Last Saturday night my wife Pam and I watched 20th Century Woman for our weekend movie night. If you’ve been following the Objective Top Twenty, you’ll note that this movie has been on the list for most of the year. We were pretty excited to see it. In the end, though, it wasn’t the movie we expected.
20th Century Woman is a semi-autobiographical movie directed and written by Mike Mills and reminisces about his teenage years in Santa Barbara, CA, He is raised by a single mother, played by Annette Bening, with the assistance of two other women in his social circle.
It is an intriguing movie with interesting characters. I wasn’t bored by it but the movie didn’t quite connect with me. As an aside, I found it interesting that Greta Gerwig, who co-stars as one of the other female influences in the story, turned around after this movie and drew on her own teenage experience in Sacramento, CA. Gerwig wrote and directed a similar movie, the recently released and highly acclaimed Lady Bird. While Mills made the focus of his movie about the mother, Gerwig centered her movie on Lady Bird, the teenager. Perhaps 20th Century Woman would have more effectively connected with me if it were focused on the teenager, Jamie. Punk Rock also has a prominent place in 20th Century Woman, a music genre that passed me by without hardly an acknowledgement of its existence.
I ended up rating this movie as a “like” but not a “really like” movie. The “really like” algorithm estimated that there was a 67% probability that I would “really like” 20th Century Woman. Is this a case of the movie simply representing the 33% probability that I wouldn’t “really like” it. Sure, but that doesn’t mean that there weren’t warning signs that it might end up in the 33%.
Without getting into the mathematical weeds of the algorithm, let it suffice to say that the probability that I will “really like” a movie is the blend of the objective data that goes into the Objective Top Twenty and subjective data from Netflix, Movielens, and Criticker which are based on my personal taste in movies. If the data from the subjective sites is limited, my “really like” probability is weighted closely to the objective data. On the other hand, if the subjective data is plentiful, then its recommendation is very reliable and my “really like” probability is close to the subjective recommendation.
You might find this illustration helpful. The Credibility Quintile organizes the movies into five groups based on how reliable the subjective data is. Quintile 5 is very reliable data and Quintile 1 is not very reliable. The five movies listed all have close to the same probability that I will “really like” them but are in different quintiles.
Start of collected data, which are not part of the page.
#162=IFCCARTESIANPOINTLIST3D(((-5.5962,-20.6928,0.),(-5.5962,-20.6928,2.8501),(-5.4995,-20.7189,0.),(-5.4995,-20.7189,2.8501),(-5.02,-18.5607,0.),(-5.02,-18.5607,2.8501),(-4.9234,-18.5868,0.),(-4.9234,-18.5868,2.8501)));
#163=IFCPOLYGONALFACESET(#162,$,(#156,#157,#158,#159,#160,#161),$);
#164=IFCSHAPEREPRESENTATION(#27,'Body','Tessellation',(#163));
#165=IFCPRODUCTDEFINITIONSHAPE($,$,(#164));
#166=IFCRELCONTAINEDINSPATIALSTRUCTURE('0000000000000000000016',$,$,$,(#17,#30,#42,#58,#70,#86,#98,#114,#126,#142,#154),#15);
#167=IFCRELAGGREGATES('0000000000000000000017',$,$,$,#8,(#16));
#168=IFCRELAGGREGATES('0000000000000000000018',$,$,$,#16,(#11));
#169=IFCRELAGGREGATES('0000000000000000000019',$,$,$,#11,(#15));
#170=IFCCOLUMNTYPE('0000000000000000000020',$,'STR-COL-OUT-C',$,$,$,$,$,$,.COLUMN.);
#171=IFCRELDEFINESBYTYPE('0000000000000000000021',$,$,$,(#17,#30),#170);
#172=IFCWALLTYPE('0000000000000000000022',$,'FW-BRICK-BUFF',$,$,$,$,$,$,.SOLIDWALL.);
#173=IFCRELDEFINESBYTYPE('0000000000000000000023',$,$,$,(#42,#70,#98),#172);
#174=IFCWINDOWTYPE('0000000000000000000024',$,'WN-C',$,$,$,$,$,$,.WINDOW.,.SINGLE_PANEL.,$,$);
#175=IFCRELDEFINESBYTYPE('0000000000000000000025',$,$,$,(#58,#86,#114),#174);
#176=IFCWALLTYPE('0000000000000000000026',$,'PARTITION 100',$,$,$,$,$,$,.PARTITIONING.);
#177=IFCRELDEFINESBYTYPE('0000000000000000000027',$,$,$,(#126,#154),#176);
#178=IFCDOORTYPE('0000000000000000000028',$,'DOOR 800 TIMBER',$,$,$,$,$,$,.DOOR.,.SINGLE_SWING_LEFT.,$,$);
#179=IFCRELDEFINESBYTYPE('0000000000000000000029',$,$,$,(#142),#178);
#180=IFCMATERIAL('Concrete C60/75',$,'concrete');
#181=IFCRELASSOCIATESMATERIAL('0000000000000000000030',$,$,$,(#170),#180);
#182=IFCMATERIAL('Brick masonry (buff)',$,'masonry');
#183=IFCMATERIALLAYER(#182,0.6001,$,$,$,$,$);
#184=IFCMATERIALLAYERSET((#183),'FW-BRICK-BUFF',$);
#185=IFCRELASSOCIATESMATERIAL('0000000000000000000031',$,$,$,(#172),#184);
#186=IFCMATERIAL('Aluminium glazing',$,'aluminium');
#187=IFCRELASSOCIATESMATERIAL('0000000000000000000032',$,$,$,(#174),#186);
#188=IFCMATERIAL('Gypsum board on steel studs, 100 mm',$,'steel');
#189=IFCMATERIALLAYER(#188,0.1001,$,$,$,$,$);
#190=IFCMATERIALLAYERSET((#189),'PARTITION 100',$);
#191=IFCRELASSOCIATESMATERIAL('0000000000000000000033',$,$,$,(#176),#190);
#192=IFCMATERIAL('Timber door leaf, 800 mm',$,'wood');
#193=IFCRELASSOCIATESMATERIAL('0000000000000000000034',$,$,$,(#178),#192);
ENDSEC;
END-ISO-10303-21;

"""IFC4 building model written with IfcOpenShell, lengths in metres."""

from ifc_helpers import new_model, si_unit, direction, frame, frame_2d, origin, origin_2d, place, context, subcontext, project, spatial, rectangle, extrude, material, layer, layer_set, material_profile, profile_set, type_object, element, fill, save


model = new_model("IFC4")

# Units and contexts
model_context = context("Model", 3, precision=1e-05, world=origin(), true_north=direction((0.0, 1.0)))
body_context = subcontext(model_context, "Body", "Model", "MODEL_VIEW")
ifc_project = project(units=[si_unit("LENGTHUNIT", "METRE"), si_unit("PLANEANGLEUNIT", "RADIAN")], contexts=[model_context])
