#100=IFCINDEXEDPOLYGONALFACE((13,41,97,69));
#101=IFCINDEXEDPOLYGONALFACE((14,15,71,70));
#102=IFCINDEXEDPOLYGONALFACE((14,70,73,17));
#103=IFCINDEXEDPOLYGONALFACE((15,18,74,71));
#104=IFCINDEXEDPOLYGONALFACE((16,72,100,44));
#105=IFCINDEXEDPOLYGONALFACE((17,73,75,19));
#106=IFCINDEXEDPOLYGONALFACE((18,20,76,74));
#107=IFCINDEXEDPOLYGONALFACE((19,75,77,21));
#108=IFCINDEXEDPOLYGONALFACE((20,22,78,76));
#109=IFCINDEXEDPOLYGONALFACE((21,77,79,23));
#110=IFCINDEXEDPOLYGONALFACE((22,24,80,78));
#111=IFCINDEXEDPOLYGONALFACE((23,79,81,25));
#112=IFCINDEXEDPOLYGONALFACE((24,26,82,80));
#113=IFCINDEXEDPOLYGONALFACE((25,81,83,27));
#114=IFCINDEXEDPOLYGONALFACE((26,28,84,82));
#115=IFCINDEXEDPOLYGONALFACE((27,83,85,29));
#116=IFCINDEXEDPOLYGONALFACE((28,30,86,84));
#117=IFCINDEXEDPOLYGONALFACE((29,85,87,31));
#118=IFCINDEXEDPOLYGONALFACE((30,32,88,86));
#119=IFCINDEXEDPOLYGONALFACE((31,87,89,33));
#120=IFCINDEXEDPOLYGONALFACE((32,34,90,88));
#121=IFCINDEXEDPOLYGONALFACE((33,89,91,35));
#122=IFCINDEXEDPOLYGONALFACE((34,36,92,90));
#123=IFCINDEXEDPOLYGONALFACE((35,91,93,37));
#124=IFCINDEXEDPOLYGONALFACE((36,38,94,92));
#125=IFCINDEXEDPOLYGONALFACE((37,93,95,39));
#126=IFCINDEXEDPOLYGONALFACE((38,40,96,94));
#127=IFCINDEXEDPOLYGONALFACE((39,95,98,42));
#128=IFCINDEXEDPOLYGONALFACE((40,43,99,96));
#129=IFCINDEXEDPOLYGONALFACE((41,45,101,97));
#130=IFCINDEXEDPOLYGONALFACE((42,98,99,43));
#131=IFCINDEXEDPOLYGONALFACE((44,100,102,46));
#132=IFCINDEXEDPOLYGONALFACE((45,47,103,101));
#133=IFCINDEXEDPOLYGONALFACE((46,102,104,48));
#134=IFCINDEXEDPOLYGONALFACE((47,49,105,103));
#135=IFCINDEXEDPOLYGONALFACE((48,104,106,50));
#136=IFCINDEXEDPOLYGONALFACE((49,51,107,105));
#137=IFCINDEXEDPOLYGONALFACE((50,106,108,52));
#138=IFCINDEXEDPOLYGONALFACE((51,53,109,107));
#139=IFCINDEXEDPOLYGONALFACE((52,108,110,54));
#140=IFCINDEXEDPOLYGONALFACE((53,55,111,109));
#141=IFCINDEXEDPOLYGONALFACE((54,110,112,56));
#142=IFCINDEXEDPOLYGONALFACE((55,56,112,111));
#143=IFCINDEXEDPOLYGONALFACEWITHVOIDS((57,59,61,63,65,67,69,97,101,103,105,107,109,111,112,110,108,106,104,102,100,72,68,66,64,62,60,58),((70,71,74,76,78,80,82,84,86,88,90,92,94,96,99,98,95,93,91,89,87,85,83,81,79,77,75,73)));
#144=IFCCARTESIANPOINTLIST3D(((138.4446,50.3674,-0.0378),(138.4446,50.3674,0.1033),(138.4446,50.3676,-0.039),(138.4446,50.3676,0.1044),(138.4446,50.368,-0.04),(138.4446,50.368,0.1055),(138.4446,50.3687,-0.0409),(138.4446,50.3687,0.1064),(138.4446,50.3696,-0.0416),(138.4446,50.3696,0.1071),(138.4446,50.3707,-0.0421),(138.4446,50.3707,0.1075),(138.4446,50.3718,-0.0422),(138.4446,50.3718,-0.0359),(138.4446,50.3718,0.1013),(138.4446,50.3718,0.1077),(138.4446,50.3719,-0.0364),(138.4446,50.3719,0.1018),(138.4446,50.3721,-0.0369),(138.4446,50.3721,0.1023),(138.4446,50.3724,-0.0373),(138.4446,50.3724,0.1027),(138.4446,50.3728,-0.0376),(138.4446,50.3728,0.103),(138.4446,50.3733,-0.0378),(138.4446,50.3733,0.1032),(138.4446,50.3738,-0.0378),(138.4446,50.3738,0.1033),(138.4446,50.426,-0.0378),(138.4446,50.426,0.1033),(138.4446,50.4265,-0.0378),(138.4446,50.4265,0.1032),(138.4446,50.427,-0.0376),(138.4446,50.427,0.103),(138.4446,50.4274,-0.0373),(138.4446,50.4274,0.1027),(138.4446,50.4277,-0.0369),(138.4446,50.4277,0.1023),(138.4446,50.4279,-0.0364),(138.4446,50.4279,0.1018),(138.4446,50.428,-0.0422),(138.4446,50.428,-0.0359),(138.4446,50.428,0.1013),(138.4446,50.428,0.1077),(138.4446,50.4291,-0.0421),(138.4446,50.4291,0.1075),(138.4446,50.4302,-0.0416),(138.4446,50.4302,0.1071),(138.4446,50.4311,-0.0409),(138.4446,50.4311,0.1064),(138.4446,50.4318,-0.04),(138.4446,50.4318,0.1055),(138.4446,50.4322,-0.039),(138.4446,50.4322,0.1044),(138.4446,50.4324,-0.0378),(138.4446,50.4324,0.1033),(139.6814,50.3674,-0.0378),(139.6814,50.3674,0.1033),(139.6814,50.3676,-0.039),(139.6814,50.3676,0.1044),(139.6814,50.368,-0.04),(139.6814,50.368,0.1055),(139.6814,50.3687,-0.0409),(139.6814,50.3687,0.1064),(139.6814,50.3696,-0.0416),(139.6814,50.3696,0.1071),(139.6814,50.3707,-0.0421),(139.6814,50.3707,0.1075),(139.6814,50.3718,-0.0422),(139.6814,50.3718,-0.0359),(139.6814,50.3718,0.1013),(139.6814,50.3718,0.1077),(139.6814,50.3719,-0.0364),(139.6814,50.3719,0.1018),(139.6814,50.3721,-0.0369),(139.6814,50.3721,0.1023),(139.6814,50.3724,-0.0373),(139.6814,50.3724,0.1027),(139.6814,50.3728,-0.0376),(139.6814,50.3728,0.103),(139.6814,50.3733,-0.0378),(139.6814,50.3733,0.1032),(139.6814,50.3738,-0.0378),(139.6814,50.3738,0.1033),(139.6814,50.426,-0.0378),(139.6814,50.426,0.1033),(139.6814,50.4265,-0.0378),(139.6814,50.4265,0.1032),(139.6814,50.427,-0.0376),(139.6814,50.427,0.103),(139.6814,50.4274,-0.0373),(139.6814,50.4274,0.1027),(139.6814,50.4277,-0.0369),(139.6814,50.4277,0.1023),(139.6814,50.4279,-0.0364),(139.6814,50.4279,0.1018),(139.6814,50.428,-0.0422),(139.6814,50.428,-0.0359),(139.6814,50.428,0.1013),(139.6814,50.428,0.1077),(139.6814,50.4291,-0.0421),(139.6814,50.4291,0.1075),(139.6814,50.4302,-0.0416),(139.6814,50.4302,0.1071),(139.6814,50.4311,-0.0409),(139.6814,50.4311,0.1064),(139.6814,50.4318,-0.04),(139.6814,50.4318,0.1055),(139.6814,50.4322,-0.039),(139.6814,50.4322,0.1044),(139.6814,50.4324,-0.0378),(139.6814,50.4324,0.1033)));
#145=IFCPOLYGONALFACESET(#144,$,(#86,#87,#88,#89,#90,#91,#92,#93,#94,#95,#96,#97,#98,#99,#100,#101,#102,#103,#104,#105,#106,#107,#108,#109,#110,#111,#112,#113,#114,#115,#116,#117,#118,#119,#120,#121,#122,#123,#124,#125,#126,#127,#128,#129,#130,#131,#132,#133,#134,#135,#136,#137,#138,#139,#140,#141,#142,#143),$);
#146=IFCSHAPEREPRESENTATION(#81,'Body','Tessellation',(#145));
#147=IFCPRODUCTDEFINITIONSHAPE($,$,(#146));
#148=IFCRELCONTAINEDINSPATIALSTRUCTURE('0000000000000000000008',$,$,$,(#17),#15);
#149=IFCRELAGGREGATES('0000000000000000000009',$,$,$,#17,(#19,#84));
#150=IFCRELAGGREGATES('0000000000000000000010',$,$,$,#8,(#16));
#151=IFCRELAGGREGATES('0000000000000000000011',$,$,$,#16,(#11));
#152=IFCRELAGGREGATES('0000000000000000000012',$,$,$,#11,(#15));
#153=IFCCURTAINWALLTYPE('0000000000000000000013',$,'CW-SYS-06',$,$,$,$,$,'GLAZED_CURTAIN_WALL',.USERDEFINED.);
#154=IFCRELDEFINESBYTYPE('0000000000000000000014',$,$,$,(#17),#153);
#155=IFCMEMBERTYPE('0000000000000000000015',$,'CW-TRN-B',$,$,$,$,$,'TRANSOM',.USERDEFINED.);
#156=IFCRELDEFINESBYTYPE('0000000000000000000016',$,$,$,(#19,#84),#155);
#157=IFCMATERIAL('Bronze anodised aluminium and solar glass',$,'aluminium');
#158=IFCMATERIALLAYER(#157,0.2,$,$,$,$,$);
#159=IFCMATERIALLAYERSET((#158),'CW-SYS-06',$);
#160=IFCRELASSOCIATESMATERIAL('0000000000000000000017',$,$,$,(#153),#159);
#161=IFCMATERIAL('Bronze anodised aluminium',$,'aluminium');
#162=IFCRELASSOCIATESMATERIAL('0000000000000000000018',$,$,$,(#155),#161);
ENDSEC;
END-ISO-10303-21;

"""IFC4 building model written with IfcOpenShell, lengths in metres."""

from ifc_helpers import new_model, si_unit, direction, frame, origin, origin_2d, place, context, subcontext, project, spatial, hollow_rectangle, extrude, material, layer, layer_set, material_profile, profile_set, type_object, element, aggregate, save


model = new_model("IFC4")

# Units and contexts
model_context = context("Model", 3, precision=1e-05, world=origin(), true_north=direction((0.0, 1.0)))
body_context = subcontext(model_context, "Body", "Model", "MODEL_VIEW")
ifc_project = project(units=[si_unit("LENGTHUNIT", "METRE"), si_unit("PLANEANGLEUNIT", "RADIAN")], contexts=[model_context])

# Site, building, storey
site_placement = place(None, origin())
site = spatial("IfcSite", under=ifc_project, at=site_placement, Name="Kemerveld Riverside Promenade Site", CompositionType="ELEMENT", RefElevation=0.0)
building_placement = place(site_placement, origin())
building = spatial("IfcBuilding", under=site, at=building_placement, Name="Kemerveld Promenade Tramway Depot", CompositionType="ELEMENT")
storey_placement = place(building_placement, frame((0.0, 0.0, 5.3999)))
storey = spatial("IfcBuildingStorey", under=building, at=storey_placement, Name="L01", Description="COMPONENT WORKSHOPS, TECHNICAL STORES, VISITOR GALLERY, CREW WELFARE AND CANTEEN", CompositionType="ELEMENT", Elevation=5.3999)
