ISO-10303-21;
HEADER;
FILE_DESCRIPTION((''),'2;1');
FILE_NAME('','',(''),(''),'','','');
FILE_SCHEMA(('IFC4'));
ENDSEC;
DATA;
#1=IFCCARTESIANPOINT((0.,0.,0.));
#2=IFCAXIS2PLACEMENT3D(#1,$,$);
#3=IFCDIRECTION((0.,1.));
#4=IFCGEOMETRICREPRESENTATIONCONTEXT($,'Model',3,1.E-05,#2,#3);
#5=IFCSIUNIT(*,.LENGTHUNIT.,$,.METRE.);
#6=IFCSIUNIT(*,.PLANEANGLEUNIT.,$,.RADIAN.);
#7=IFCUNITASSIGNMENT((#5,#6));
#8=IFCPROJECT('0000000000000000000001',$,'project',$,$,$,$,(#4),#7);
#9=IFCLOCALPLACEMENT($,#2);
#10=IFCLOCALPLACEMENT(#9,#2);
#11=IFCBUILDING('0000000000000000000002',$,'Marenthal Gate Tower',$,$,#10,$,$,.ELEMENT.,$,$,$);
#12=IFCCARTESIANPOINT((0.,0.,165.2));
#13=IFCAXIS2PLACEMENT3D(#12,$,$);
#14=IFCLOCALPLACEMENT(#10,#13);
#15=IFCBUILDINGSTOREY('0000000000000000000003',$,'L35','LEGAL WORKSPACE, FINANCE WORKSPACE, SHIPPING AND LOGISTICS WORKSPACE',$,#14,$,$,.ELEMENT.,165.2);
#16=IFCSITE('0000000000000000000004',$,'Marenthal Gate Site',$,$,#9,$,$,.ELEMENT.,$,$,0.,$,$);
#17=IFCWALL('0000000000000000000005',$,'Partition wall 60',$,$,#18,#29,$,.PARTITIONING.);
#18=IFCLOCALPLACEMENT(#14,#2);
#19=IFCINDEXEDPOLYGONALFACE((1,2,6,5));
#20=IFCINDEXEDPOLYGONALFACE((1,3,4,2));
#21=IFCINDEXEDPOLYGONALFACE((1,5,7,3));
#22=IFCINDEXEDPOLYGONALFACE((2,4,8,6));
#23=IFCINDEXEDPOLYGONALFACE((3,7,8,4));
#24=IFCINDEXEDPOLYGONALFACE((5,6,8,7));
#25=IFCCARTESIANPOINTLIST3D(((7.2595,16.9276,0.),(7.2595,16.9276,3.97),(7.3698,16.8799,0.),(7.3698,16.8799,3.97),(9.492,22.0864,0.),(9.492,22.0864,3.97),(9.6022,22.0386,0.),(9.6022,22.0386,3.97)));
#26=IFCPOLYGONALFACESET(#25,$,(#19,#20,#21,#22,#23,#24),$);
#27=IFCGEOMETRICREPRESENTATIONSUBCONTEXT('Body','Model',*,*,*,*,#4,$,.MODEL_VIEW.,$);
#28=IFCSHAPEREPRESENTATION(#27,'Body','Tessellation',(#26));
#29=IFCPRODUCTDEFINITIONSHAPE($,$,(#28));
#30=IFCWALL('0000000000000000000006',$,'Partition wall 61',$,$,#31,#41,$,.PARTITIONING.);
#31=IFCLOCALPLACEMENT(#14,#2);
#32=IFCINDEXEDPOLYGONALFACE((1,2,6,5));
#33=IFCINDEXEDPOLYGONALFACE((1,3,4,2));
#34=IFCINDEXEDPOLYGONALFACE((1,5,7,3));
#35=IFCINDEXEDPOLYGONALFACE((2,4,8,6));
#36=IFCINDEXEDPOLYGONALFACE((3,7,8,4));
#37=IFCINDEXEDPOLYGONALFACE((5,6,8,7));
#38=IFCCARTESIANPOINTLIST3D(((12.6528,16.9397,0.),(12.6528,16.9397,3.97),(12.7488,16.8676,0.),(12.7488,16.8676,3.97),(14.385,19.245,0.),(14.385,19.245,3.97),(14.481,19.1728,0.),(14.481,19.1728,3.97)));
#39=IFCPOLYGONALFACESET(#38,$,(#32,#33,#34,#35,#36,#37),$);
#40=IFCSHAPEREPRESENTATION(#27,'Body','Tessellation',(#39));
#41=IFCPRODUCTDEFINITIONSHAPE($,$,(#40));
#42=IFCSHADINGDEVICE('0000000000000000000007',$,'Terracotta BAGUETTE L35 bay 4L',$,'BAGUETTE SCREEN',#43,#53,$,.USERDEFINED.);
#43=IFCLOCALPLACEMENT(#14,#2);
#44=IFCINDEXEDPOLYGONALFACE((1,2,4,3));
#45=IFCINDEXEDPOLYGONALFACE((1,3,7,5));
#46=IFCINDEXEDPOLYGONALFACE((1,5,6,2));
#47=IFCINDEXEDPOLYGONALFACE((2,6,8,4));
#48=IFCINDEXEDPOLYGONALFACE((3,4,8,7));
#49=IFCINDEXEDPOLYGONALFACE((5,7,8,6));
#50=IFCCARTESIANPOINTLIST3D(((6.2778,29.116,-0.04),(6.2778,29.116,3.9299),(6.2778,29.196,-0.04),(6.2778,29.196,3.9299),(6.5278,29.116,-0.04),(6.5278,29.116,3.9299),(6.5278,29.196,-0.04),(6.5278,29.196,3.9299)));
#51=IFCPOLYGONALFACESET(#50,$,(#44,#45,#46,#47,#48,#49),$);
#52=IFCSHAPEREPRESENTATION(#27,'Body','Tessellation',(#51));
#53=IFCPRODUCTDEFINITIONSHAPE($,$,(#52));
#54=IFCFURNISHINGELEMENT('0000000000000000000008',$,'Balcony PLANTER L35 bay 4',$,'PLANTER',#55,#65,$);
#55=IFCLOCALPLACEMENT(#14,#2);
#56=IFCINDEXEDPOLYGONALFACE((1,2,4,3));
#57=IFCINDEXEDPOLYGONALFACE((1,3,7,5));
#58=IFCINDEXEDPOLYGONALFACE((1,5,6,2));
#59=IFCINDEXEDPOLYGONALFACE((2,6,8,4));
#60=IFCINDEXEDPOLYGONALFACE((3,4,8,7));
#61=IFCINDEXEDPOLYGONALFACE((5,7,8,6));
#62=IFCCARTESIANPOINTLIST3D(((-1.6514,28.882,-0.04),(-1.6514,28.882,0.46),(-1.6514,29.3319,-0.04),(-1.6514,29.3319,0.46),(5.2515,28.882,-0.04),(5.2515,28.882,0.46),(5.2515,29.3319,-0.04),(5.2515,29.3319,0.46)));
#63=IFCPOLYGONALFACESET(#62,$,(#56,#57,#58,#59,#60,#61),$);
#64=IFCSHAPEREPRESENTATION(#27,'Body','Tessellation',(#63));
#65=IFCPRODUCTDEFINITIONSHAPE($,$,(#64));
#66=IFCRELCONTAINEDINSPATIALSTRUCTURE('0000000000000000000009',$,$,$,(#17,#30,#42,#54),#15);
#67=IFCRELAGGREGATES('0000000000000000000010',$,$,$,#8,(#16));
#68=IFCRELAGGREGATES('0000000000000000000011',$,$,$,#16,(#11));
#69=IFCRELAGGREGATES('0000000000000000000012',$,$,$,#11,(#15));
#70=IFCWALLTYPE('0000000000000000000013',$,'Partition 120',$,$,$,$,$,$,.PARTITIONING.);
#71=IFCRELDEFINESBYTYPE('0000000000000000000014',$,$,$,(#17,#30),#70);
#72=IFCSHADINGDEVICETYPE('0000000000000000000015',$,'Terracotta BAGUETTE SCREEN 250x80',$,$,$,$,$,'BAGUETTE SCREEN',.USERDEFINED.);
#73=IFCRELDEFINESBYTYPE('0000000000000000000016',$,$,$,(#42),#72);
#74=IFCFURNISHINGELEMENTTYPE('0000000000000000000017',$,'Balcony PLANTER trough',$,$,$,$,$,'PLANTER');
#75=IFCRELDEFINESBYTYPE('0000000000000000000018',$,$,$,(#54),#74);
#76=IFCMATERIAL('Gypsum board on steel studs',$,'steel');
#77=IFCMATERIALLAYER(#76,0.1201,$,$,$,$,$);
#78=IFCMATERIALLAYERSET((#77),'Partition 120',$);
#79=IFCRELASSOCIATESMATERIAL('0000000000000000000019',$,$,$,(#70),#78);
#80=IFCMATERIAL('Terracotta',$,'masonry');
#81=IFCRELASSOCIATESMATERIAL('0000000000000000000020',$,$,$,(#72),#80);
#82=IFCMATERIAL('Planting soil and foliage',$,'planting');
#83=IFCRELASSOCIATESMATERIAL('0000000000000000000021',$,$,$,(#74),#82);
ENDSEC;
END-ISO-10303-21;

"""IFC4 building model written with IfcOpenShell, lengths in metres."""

from ifc_helpers import new_model, si_unit, direction, frame, frame_2d, origin, origin_2d, place, context, subcontext, project, spatial, rectangle, extrude, material, layer, layer_set, material_profile, profile_set, type_object, element, save


model = new_model("IFC4")

# Units and contexts
model_context = context("Model", 3, precision=1e-05, world=origin(), true_north=direction((0.0, 1.0)))
body_context = subcontext(model_context, "Body", "Model", "MODEL_VIEW")
ifc_project = project(units=[si_unit("LENGTHUNIT", "METRE"), si_unit("PLANEANGLEUNIT", "RADIAN")], contexts=[model_context])

# Site, building, storey
site_placement = place(None, origin())
site = spatial("IfcSite", under=ifc_project, at=site_placement, Name="Marenthal Gate Site", CompositionType="ELEMENT", RefElevation=0.0)
building_placement = place(site_placement, origin())
building = spatial("IfcBuilding", under=site, at=building_placement, Name="Marenthal Gate Tower", CompositionType="ELEMENT")
storey_placement = place(building_placement, frame((0.0, 0.0, 165.2)))
storey = spatial("IfcBuildingStorey", under=building, at=storey_placement, Name="L35", Description="LEGAL WORKSPACE, FINANCE WORKSPACE, SHIPPING AND LOGISTICS WORKSPACE", CompositionType="ELEMENT", Elevation=165.2)

# Walls
ifc_material_1 = material(Name="Gypsum board on steel studs", Category="steel")
ifc_layer_1 = layer(ifc_material_1, 0.1201)
ifc_layer_set_1 = layer_set([ifc_layer_1], Name="Partition 120")
wall_type_1 = type_object("IfcWallType", Name="Partition 120", PredefinedType="PARTITIONING", material=ifc_layer_set_1)
wall_1_placement = place(storey_placement, frame((9.5471, 22.0625, 0.0), z_axis=(0.0, 0.0, 1.0), x_axis=(-0.397156, -0.917751, 0.0)))
element("IfcWall", 1, at=wall_1_placement, inside=storey, type_object=wall_type_1, Name="Partition wall 60", PredefinedType="PARTITIONING", context=body_context, shape_type="SweptSolid", body=[
    extrude(rectangle(XDim=5.6211, YDim=0.1201, at=frame_2d((2.8105, 0.0))), origin(), (0.0, 0.0, 1.0), 3.97),
])
wall_2_placement = place(storey_placement, frame((14.4331, 19.209, 0.0), z_axis=(0.0, 0.0, 1.0), x_axis=(-0.600731, -0.799451, 0.0)))
element("IfcWall", 2, at=wall_2_placement, inside=storey, type_object=wall_type_1, Name="Partition wall 61", PredefinedType="PARTITIONING", context=body_context, shape_type="SweptSolid", body=[
    extrude(rectangle(XDim=2.8835, YDim=0.1201, at=frame_2d((1.4419, 0.0))), origin(), (0.0, 0.0, 1.0), 3.97),
])

# Shading device
ifc_material_2 = material(Name="Terracotta", Category="masonry")
ifc_material_profile_1 = material_profile(ifc_material_2, rectangle(XDim=0.25, YDim=0.0801, at=origin_2d()), Name="Terracotta baguette 250x80")
ifc_profile_set_1 = profile_set([ifc_material_profile_1], Name="Terracotta")
shading_device_type = type_object("IfcShadingDeviceType", Name="Terracotta BAGUETTE SCREEN 250x80", ElementType="BAGUETTE SCREEN", PredefinedType="USERDEFINED", material=ifc_profile_set_1)
shading_device_placement = place(storey_placement, frame((6.4028, 29.156, -0.04), z_axis=(0.0, 0.0, 1.0), x_axis=(-1.0, 0.0, 0.0)))
element("IfcShadingDevice", 3, at=shading_device_placement, inside=storey, type_object=shading_device_type, Name="Terracotta BAGUETTE L35 bay 4L", ObjectType="BAGUETTE SCREEN", PredefinedType="USERDEFINED", context=body_context, shape_type="SweptSolid", body=[
    extrude(rectangle(XDim=0.25, YDim=0.0801, at=origin_2d()), origin(), (0.0, 0.0, 1.0), 3.97),
])

# Furnishing element
ifc_material_3 = material(Name="Planting soil and foliage", Category="planting")
furnishing_element_type = type_object("IfcFurnishingElementType", Name="Balcony PLANTER trough", ElementType="PLANTER", material=ifc_material_3)
furnishing_placement = place(storey_placement, frame((1.8, 29.1069, -0.04), z_axis=(0.0, 0.0, 1.0), x_axis=(-1.0, 0.0, 0.0)))
element("IfcFurnishingElement", 4, at=furnishing_placement, inside=storey, type_object=furnishing_element_type, Name="Balcony PLANTER L35 bay 4", ObjectType="PLANTER", context=body_context, shape_type="SweptSolid", body=[
    extrude(rectangle(XDim=6.9028, YDim=0.45, at=origin_2d()), origin(), (0.0, 0.0, 1.0), 0.5),
])

save(model, "model.ifc")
|Movie||Credibility Quintile||Objective “Really Like” Probability %||Subjective “Really Like” Probability %||Probability I Will “Really Like” This Movie|
|Men of Honor||5||63.4%||69.0%||67.2%|
|Far and Away||4||61.6%||69.6%||66.6%|
|Fabulous Baker Boys, The||2||65.3%||69.9%||67.0%|
|20th Century Women||1||68.3%||51.2%||67.0%|
While all five movies have relatively the same overall probability, they aren’t equally reliable. Men of Honor is clearly a movie that, according to the highly reliable Quintile 1 data, I will like more than the rest of the world and the algorithm reflects that. The same could be said for Far and Away. The movie Nebraska, on the other hand, seems to be a movie that I would like less than the general public. Note as a Quintile 3 movie my probability is halfway between the objective and the subjective probabilities.
It’s the last two movies that illustrate the point I want to make. The probability that I will “really like” The Fabulous Baker Boys is identical to 20th Century Woman. Both movies are in below average credibility quintiles. That is where the similarities end. When you look at the subjective probabilities for both movies, The Fabulous Baker Boys has a strong trend towards being a movie I will “really like”. Even without reliable data it might be a movie worth taking a chance on. 20th Century Woman is headed in the opposite direction towards being a movie I probably wouldn’t “really like”. I should have caught that before watching the movie. It doesn’t mean I would have given up on the movie. It just means that I should have waited another cycle or two for more data to more reliably predict whether I would “really like” it or not.
Algorithms are tools to help you analyze data. Using algorithms to make decisions requires the exercise of a little judgement.